# YN-622C multiple on camera flashes



## brianleighty (Jun 14, 2013)

So I've run into an issue and am not sure if there is any way around this or not. My goal is to have on-camera speedlights with a yn622c in between on each. A third flash will be used to bring up the ambient level of light. The issue I have is if camera A fires, camera B fires its on camera flash which could pose unexpected results. I was hoping there was a channel that was shared by all like on the the cheaper yongnuo triggers but I don't see anything like this. Is this just a limitation of the system or is there something I'm missing? Thanks.


----------



## jonathan7007 (Jun 14, 2013)

Brian,
So we understand exactly what you need:
Two photographers with flash on their cameras are depending on a third flash that lights up the area. The issue is the shared channel that will fire the second photographer's flash, and shared status of this third light (not ready/recycled in time to be available when needed.) 

Would one more flash -- so background is illuminated by a dedicated speedlight -- fix this problem? Assuming two channels available on Yongnuo... Seems like a reasonable-cost solution as you can go with a simple even manual only unit if bouncing. Yes, you have to find two attachment spots or have two stands. Not OK in some event venues. But way more flexible.

Don't know the Yongnuo triggers' capabilities, sorry.


----------



## brianleighty (Jun 14, 2013)

jonathan7007 said:


> Brian,
> So we understand exactly what you need:
> Two photographers with flash on their cameras are depending on a third flash that lights up the area. The issue is the shared channel that will fire the second photographer's flash, and shared status of this third light (not ready/recycled in time to be available when needed.)
> 
> ...



Thanks Jonathan, you got it mostly right. Recycle time is part the equation as well but the main thing is the light from the secondary cameras flash messing with the main camera's shot. I have considered just doing off camera and would absolutely love that since it would drop the weight I have to carry by quite a bit but unfortunately I haven't had good results in testing this. It basically boils down to I want two cameras to be able to share a third flash but not have the two camera's flashes affect each other.


----------



## jonathan7007 (Jun 15, 2013)

Will Yongnuo receivers support this idea:
Your "room bounce" speedlight has a y-splitter cable allowing two receivers to fire it. Each receiver so attached is set to a different channel. You and your second shooter must be set for these different channels.
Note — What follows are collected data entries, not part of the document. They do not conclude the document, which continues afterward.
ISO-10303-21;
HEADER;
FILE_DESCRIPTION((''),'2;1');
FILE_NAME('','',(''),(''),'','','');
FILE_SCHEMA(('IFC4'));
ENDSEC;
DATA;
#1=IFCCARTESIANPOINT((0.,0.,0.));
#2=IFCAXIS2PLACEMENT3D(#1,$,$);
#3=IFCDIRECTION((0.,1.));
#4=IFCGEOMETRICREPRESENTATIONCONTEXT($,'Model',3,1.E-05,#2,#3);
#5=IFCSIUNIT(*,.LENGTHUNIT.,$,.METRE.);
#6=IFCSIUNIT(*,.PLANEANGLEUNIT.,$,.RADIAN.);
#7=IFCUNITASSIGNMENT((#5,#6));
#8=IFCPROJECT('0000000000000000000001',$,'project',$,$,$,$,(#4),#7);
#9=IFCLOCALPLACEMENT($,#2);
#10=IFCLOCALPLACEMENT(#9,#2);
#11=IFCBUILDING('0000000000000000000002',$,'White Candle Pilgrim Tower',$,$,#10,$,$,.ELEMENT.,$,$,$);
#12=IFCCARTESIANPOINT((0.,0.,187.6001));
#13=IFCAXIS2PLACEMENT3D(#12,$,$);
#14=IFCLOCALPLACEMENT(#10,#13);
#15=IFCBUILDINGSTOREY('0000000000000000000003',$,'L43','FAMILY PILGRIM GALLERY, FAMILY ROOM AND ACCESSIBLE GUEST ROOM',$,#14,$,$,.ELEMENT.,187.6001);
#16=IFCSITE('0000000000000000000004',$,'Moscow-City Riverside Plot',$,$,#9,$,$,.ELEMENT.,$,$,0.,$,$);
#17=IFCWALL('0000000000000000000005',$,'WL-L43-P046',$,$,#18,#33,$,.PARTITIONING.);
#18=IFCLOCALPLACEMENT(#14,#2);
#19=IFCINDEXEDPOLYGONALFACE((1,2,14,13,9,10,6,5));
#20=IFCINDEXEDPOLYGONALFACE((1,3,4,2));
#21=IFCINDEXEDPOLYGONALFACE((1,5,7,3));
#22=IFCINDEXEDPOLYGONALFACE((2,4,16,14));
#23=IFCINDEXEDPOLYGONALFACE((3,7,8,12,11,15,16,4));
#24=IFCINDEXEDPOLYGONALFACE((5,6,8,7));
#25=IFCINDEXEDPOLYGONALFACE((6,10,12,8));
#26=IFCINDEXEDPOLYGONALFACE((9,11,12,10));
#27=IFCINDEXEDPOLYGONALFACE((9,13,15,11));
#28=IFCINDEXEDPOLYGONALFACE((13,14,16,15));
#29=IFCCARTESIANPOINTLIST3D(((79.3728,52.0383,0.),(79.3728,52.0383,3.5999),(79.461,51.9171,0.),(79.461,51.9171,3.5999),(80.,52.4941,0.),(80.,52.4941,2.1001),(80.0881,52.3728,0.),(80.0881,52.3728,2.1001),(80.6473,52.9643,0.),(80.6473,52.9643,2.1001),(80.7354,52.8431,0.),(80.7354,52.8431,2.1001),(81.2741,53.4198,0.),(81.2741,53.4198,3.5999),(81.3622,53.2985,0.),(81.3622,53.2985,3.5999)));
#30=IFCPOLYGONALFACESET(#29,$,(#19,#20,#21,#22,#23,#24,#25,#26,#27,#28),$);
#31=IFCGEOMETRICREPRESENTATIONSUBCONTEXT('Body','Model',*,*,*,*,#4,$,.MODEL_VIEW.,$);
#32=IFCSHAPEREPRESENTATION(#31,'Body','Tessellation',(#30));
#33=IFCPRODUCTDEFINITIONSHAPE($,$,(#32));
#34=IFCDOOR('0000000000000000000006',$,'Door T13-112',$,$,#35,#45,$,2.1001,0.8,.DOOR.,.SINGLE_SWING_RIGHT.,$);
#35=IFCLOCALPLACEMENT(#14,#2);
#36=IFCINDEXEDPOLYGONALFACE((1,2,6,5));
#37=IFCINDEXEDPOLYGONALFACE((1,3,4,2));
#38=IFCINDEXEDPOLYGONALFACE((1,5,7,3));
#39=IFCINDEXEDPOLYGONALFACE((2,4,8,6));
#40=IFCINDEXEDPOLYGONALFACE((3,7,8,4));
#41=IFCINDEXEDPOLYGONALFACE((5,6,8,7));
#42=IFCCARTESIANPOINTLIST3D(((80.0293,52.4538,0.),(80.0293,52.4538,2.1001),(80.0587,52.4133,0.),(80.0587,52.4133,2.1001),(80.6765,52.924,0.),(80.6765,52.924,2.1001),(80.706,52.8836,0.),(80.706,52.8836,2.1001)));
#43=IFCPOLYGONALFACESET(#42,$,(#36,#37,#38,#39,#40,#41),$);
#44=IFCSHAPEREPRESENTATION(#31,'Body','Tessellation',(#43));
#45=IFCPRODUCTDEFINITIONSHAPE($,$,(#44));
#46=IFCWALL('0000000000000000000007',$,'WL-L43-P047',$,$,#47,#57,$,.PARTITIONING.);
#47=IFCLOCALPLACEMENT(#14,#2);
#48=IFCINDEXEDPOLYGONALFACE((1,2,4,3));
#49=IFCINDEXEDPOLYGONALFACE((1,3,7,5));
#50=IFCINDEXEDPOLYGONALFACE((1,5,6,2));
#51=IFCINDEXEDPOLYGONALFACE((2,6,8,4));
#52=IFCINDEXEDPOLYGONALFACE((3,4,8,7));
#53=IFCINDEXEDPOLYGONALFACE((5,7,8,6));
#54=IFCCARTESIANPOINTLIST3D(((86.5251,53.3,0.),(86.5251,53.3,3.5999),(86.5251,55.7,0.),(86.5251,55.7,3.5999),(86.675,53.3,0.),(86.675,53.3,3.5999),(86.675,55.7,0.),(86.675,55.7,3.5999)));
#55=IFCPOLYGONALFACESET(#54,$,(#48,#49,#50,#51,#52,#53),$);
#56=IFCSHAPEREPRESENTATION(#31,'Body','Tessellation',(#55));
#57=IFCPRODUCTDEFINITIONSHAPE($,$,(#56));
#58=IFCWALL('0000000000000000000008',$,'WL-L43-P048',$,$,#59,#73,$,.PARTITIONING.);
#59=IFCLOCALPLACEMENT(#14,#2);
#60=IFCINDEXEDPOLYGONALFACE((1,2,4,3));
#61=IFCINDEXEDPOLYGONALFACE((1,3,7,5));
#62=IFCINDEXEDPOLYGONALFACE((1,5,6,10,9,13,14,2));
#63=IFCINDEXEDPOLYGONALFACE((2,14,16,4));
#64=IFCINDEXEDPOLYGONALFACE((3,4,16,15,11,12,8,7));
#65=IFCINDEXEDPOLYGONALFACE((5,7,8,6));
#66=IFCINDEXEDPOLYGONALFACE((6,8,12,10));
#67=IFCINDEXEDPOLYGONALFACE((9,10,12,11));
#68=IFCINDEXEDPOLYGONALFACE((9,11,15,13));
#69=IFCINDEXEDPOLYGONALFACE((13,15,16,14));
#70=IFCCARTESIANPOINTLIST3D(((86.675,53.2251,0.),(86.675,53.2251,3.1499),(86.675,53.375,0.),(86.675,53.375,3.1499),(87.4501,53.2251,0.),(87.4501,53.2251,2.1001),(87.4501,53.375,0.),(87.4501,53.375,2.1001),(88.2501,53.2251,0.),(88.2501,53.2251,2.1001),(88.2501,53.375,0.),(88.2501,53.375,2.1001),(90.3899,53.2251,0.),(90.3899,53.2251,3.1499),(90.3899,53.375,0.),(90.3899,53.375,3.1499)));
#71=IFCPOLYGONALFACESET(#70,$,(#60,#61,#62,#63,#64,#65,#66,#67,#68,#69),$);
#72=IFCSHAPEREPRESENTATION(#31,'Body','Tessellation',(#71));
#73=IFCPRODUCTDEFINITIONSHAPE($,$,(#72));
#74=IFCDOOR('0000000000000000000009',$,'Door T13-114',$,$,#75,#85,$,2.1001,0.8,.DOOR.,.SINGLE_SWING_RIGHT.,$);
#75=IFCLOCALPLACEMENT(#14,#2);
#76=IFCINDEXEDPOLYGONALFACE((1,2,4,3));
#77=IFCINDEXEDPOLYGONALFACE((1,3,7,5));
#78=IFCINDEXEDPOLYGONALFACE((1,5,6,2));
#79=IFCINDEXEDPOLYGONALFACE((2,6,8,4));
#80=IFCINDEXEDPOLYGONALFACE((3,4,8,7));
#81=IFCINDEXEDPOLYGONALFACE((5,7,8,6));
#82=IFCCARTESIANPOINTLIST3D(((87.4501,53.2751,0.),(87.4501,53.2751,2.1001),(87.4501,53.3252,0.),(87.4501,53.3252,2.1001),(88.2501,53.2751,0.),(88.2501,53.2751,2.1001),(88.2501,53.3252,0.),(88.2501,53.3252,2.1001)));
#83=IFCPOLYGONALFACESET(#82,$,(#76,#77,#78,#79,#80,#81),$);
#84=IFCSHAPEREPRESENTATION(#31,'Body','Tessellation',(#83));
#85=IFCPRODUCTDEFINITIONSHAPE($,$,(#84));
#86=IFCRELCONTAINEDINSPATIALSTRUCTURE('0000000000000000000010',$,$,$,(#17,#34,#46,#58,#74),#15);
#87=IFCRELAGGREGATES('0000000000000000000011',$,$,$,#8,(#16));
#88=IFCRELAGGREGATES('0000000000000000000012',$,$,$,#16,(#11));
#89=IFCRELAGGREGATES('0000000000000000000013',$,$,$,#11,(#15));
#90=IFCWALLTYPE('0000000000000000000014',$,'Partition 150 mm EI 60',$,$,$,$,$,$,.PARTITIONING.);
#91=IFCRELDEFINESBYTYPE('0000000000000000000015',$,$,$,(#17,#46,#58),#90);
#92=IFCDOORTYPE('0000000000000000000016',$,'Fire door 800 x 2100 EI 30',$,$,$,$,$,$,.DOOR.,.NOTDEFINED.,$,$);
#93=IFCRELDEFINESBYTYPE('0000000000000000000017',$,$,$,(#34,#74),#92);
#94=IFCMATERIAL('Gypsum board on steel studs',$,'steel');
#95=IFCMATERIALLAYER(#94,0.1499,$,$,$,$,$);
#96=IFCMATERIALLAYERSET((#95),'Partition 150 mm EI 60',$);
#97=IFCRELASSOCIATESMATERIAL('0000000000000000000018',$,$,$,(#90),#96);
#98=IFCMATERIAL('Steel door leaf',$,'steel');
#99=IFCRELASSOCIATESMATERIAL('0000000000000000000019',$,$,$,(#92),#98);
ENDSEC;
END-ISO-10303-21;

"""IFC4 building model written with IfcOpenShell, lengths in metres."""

from ifc_helpers import new_model, si_unit, direction, frame, frame_2d, origin, place, context, subcontext, project, spatial, rectangle, extrude, material, layer, layer_set, type_object, element, fill, save


model = new_model("IFC4")

# Units and contexts
model_context = context("Model", 3, precision=1e-05, world=origin(), true_north=direction((0.0, 1.0)))
body_context = subcontext(model_context, "Body", "Model", "MODEL_VIEW")
ifc_project = project(units=[si_unit("LENGTHUNIT", "METRE"), si_unit("PLANEANGLEUNIT", "RADIAN")], contexts=[model_context])

# Site, building, storey
site_placement = place(None, origin())
site = spatial("IfcSite", under=ifc_project, at=site_placement, Name="Moscow-City Riverside Plot", CompositionType="ELEMENT", RefElevation=0.0)
building_placement = place(site_placement, origin())
building = spatial("IfcBuilding", under=site, at=building_placement, Name="White Candle Pilgrim Tower", CompositionType="ELEMENT")
storey_placement = place(building_placement, frame((0.0, 0.0, 187.6001)))
storey = spatial("IfcBuildingStorey", under=building, at=storey_placement, Name="L43", Description="FAMILY PILGRIM GALLERY, FAMILY ROOM AND ACCESSIBLE GUEST ROOM", CompositionType="ELEMENT", Elevation=187.6001)

# Shared definitions
ifc_material_1 = material(Name="Gypsum board on steel studs", Category="steel")
ifc_material_2 = material(Name="Steel door leaf", Category="steel")

# Shared definitions
ifc_layer_1 = layer(ifc_material_1, 0.1499)
ifc_layer_set_1 = layer_set([ifc_layer_1], Name="Partition 150 mm EI 60")
wall_type_1 = type_object("IfcWallType", Name="Partition 150 mm EI 60", PredefinedType="PARTITIONING", material=ifc_layer_set_1)

# Wall, opening, door
wall_1_placement = place(storey_placement, frame((81.3181, 53.3591, 0.0), z_axis=(0.0, 0.0, 1.0), x_axis=(-0.808997, -0.587813, 0.0)))
wall_1 = element("IfcWall", 1, at=wall_1_placement, inside=storey, type_object=wall_type_1, Name="WL-L43-P046", PredefinedType="PARTITIONING", context=body_context, shape_type="SweptSolid", body=[
    extrude(rectangle(XDim=2.3501, YDim=0.1499, at=frame_2d((1.175, 0.0))), origin(), (0.0, 0.0, 1.0), 3.5999),
])
opening_1_placement = place(wall_1_placement, frame((0.7749, 0.0, 0.0)))
opening_1 = element("IfcOpeningElement", 2, at=opening_1_placement, cuts=wall_1, PredefinedType="OPENING", context=body_context, shape_type="SweptSolid", body=[
    extrude(rectangle(XDim=0.8, YDim=2.1001, at=frame_2d((0.3999, 1.05))), frame((0.0, 0.085, 0.0), z_axis=(0.0, -1.0, 0.0), x_axis=(1.0, 0.0, 0.0)), (0.0, 0.0, 1.0), 0.1699),
])
door_type_1 = type_object("IfcDoorType", Name="Fire door 800 x 2100 EI 30", OperationType="NOTDEFINED", PredefinedType="DOOR", material=ifc_material_2)
door_1_placement = place(opening_1_placement, origin())
door_1 = element("IfcDoor", 3, at=door_1_placement, inside=storey, type_object=door_type_1, Name="Door T13-112", OperationType="SINGLE_SWING_RIGHT", OverallHeight=2.1001, OverallWidth=0.8, PredefinedType="DOOR", context=body_context, shape_type="SweptSolid", body=[
    extrude(rectangle(XDim=0.8, YDim=2.1001, at=frame_2d((0.3999, 1.05))), frame((0.0, 0.0249, 0.0), z_axis=(0.0, -1.0, 0.0), x_axis=(1.0, 0.0, 0.0)), (0.0, 0.0, 1.0), 0.05),
])
fill(opening_1, door_1)

# Wall
wall_2_placement = place(storey_placement, frame((86.6001, 55.7, 0.0), z_axis=(0.0, 0.0, 1.0), x_axis=(0.0, -1.0, 0.0)))
element("IfcWall", 4, at=wall_2_placement, inside=storey, type_object=wall_type_1, Name="WL-L43-P047", PredefinedType="PARTITIONING", context=body_context, shape_type="SweptSolid", body=[
    extrude(rectangle(XDim=2.3999, YDim=0.1499, at=frame_2d((1.2, 0.0))), origin(), (0.0, 0.0, 1.0), 3.5999),
])

# Wall, opening, door
wall_3_placement = place(storey_placement, frame((90.3899, 53.3, 0.0), z_axis=(0.0, 0.0, 1.0), x_axis=(-1.0, 0.0, 0.0)))
wall_3 = element("IfcWall", 5, at=wall_3_placement, inside=storey, type_object=wall_type_1, Name="WL-L43-P048", PredefinedType="PARTITIONING", context=body_context, shape_type="SweptSolid", body=[
    extrude(rectangle(XDim=3.7148, YDim=0.1499, at=frame_2d((1.8574, 0.0))), origin(), (0.0, 0.0, 1.0), 3.1499),
])
opening_2_placement = place(wall_3_placement, frame((2.1399, 0.0, 0.0)))
opening_2 = element("IfcOpeningElement", 6, at=opening_2_placement, cuts=wall_3, PredefinedType="OPENING", context=body_context, shape_type="SweptSolid", body=[
    extrude(rectangle(XDim=0.8, YDim=2.1001, at=frame_2d((0.3999, 1.05))), frame((0.0, 0.085, 0.0), z_axis=(0.0, -1.0, 0.0), x_axis=(1.0, 0.0, 0.0)), (0.0, 0.0, 1.0), 0.1699),
])
door_2_placement = place(opening_2_placement, origin())
door_2 = element("IfcDoor", 7, at=door_2_placement, inside=storey, type_object=door_type_1, Name="Door T13-114", OperationType="SINGLE_SWING_RIGHT", OverallHeight=2.1001, OverallWidth=0.8, PredefinedType="DOOR", context=body_context, shape_type="SweptSolid", body=[
    extrude(rectangle(XDim=0.8, YDim=2.1001, at=frame_2d((0.3999, 1.05))), frame((0.0, 0.0249, 0.0), z_axis=(0.0, -1.0, 0.0), x_axis=(1.0, 0.0, 0.0)), (0.0, 0.0, 1.0), 0.05),
])
fill(opening_2, door_2)

save(model, "model.ifc")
Check www.flashzebra.com for the necessary cable. (or [email protected]) I *think* it would be the same cable I bought for the opposite need: One receiver fires two speedlights from one signal. This allows shorter recycle.

I recommend a battery pack to speed the return to full power for your room-bounce. Sounds interesting. I like the idea. Will you post a shot that shows how you took advantage of the rig? Or tell us that this idea will not work for some reason?

I use Odin so will follow your thinking to see what I can learn from the investigation...


----------



## brianleighty (Jun 15, 2013)

Interesting... I looked into cables to split a while back but everything I read said that TTL would only work if one cable was connected. Regardless... a setup like that would get more pricey as 3 is just the start and if all goes well I may eventually add more which then means I have to have a receiver for each. If there doesn't end up being any way around this then I'll probably end mainly just using these for macro photography like I have for the past several months. It works great for single camera setups but it'd be nice if it could work with multiples as well.


----------



## brianleighty (Jun 15, 2013)

So I did some more messing around last night. The closest I've been able to find is doing A:B C and setting the on-camera flash to 8:1 and the other oncamera flash at 1:8. This means it'll obviously still go off but at least it won't be as strong so might be able to make it work. Not perfect but at least a little better than before. Let me know if anybody has a better idea.


----------



## jonathan7007 (Jun 15, 2013)

Brian,
I imagined this was for events like weddings, gatherings, one-room meetings. I -- personally -- would have wanted a manual flash lighting the room attached high (best) or on a light stand placed inconspicuously. (I keep a weird set of clamps and hardware for this.) I would not want that level to change, although of course throughout the space its level will be different. Then I would try to have my on-camera strobe act as fill to a light that appeared to be ambient but was actually from that "room-bounce" or "room-direct" unit. Having two people able to use that wrap-around light in a neat idea and I hope you can make it work.

I have been avoiding ETTL. Pure fear, lack of experience, I admit! So I cannot tell you if ETTL is retained with one of these splitters.

So this setup is two senders and two receivers. I use Odin, still learning all its capabilities. I think if I were to do this it would require a separate Odin controller, and I never asked what just a controller costs. 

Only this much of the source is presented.